# New planted 40 gallon



## Senayski (Apr 28, 2013)

Just setup the 40 gallon yesterday. Tore down our 55g in hopes of making it a discus tank in the near future. 

This thread will be pic heavy as I will try and post a new pic everyday.

Fauna:

6 serpaes
6 albino cories
8 RN tetra 
1 BN pleco
2 GBR
1 bolivian ram


----------



## Senayski (Apr 28, 2013)

The male GBR ( I think) 









The female GBR and bolivian


----------



## Senayski (Apr 28, 2013)

BN pleco









RN tetra









One of the cories


----------



## jamnigh (Apr 24, 2013)

Very nice tank I must say. I LOOOVE the GBR's


----------



## Senayski (Apr 28, 2013)

jamnigh said:


> Very nice tank I must say. I LOOOVE the GBR's


They are so friendly.
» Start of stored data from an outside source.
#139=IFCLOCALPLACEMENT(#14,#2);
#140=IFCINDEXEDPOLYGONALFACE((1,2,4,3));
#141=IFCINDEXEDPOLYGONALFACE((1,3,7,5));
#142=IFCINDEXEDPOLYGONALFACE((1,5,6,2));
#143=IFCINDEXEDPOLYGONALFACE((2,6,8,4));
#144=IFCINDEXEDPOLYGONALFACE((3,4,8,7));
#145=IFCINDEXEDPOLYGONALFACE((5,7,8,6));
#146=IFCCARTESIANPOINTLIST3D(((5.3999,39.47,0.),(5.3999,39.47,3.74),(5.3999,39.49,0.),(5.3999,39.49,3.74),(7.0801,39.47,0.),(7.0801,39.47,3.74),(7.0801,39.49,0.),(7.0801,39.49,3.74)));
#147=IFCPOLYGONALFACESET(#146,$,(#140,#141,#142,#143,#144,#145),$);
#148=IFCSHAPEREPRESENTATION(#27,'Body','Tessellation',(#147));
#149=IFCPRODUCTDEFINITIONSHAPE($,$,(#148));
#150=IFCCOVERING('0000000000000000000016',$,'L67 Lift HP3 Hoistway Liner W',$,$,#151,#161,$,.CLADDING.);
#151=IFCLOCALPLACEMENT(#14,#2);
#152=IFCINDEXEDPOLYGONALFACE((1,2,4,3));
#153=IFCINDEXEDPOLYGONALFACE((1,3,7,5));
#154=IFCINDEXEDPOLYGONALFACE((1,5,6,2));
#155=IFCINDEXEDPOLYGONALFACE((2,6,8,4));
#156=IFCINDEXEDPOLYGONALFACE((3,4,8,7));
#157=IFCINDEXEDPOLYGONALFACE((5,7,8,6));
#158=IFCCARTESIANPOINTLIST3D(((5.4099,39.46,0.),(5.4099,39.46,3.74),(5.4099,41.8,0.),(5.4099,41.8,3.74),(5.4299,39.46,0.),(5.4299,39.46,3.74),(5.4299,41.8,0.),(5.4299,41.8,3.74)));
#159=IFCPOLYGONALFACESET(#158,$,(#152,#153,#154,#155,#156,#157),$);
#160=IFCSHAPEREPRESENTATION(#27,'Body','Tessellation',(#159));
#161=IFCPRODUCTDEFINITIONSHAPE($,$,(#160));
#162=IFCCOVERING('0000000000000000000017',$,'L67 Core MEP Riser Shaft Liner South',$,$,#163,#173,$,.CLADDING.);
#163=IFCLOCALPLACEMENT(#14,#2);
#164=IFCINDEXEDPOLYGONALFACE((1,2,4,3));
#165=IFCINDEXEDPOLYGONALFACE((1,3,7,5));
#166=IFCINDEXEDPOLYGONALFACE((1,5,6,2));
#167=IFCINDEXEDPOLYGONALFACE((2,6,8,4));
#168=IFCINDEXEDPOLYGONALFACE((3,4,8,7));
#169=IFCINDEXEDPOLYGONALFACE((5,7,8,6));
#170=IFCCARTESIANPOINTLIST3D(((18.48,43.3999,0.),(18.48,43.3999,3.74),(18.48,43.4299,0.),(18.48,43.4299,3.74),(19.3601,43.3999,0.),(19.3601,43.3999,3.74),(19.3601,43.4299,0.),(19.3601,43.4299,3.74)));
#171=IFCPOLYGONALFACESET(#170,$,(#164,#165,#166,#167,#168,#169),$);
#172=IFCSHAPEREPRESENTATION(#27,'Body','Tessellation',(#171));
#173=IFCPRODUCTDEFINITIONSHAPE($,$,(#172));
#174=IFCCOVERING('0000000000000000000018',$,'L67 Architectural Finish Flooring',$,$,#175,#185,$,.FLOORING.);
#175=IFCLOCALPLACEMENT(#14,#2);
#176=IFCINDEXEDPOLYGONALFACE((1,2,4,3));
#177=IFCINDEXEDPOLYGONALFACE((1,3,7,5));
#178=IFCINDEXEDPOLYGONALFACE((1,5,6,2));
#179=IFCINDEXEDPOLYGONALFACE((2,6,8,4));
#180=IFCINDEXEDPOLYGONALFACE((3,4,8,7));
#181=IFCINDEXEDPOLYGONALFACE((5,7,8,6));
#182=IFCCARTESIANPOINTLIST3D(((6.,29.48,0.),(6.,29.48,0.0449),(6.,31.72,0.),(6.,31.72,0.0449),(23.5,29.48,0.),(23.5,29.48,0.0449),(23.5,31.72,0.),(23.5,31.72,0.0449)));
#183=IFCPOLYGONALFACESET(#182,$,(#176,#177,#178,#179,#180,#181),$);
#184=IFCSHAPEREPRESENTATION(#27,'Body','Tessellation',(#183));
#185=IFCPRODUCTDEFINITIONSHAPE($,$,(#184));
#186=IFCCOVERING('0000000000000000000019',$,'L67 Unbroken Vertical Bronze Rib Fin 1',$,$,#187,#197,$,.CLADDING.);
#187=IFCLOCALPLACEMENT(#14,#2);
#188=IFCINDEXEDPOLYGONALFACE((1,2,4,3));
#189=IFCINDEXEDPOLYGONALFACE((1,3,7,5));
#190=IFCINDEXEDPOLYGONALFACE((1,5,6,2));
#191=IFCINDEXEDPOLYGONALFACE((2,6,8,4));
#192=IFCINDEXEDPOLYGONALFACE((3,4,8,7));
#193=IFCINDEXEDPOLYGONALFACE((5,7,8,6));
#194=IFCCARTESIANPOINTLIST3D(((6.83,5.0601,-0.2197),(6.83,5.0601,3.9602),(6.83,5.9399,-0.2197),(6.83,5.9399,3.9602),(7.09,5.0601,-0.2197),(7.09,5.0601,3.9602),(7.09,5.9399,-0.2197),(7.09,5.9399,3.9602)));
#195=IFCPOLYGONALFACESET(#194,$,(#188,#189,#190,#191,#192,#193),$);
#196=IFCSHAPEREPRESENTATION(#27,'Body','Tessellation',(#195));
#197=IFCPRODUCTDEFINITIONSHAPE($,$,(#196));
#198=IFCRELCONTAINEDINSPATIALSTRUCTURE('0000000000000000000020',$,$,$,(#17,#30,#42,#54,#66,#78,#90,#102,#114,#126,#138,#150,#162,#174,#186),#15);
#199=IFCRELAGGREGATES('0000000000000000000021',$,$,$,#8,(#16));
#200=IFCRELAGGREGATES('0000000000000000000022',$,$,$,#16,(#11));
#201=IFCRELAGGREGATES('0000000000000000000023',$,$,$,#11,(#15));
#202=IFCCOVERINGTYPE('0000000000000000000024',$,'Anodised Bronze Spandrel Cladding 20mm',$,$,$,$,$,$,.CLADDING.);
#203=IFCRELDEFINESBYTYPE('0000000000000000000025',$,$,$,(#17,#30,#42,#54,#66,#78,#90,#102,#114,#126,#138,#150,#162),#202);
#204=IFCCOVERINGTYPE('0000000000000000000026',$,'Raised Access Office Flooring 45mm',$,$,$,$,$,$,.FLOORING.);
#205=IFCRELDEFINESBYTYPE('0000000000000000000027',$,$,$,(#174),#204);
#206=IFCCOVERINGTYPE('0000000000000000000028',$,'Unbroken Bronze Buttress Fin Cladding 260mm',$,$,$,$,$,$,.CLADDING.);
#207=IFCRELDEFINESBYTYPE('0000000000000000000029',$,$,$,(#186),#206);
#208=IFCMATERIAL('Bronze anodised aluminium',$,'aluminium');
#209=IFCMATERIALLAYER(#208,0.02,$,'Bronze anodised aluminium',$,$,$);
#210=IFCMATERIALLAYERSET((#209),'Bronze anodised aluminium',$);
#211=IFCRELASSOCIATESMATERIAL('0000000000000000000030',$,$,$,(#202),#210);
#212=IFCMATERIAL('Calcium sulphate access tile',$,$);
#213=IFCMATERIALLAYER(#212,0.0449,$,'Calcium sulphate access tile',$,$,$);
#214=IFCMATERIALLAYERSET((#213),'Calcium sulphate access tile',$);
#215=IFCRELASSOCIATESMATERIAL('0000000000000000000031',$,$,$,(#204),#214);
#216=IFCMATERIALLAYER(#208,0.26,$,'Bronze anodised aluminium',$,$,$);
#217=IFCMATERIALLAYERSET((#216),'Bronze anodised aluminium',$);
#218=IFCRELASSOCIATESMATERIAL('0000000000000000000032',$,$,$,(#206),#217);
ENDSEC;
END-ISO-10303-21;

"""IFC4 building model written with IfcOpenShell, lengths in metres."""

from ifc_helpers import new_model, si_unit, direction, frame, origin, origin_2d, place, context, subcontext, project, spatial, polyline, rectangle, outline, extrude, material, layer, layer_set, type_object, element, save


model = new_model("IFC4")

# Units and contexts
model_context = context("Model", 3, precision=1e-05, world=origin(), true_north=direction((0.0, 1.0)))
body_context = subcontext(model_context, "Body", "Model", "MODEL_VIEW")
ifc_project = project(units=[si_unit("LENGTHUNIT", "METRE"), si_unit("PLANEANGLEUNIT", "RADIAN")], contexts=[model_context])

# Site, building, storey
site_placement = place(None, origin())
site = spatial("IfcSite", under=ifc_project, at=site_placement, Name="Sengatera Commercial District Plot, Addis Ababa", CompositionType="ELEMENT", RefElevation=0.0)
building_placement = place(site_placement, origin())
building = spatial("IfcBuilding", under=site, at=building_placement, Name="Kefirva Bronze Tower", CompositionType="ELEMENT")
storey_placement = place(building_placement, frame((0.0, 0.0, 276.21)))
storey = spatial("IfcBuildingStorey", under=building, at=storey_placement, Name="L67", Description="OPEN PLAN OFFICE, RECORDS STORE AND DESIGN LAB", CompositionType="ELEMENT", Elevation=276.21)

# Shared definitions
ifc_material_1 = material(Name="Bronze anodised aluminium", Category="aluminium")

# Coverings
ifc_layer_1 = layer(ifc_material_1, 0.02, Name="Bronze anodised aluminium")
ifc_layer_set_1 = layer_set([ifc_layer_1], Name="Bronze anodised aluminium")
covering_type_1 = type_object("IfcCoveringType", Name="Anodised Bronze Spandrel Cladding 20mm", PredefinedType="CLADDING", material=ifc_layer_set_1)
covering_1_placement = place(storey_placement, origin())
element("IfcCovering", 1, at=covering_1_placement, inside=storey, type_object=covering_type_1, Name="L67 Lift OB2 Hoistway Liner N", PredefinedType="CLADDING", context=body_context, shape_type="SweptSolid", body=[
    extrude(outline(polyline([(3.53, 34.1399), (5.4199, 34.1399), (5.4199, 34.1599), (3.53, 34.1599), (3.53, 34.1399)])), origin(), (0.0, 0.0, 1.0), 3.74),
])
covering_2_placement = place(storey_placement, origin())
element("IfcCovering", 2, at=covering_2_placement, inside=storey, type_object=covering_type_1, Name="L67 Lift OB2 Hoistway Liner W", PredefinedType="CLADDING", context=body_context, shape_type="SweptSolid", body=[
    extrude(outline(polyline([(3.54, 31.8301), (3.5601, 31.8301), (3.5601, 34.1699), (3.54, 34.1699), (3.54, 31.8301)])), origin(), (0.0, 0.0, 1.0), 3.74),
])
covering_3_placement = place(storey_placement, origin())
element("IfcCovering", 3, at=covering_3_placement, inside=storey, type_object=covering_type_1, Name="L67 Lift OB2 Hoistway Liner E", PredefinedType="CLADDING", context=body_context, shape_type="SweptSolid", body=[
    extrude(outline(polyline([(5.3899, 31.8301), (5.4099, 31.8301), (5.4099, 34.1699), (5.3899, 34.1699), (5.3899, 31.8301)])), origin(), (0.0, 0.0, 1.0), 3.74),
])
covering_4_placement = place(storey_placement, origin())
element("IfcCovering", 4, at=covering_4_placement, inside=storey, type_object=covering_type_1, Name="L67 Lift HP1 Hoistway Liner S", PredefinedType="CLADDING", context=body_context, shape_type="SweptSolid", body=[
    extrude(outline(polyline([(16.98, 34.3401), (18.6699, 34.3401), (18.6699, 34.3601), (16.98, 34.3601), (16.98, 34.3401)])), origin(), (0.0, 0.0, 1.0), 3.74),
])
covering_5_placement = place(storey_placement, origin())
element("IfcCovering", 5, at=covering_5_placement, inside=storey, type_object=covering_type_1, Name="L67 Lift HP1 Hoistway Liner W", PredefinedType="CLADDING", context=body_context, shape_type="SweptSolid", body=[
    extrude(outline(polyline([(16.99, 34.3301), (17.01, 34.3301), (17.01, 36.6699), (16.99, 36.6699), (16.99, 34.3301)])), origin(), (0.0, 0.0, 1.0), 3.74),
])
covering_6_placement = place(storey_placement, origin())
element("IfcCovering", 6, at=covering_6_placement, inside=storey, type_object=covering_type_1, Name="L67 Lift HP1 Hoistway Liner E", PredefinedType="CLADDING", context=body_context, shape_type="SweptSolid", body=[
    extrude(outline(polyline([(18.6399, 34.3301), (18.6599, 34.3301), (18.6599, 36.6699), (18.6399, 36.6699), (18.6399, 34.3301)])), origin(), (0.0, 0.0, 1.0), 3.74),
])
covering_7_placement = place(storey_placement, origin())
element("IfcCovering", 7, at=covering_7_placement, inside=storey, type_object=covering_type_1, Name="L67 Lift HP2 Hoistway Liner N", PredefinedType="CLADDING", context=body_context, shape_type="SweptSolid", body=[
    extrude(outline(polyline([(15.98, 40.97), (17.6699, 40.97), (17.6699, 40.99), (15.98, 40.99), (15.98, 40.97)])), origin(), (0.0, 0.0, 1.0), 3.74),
Definitely my favorite as well!


----------



## jrman83 (Jul 9, 2010)

Looks great!


----------



## Nave (May 28, 2013)

Nice set up looking forward to seeing the plant growth I think it's going to turn in to a very nice planted tank good job!!!


----------



## Nave (May 28, 2013)

An anubias nana would look really good too once it anchors itself to that piece of driftwood *chicken dance


----------



## Senayski (Apr 28, 2013)

My crypts aren't growing for shiz... May put some blyxa there then steal your idea


----------



## Senayski (Apr 28, 2013)

Just an update, things are growing slowly but looking good


----------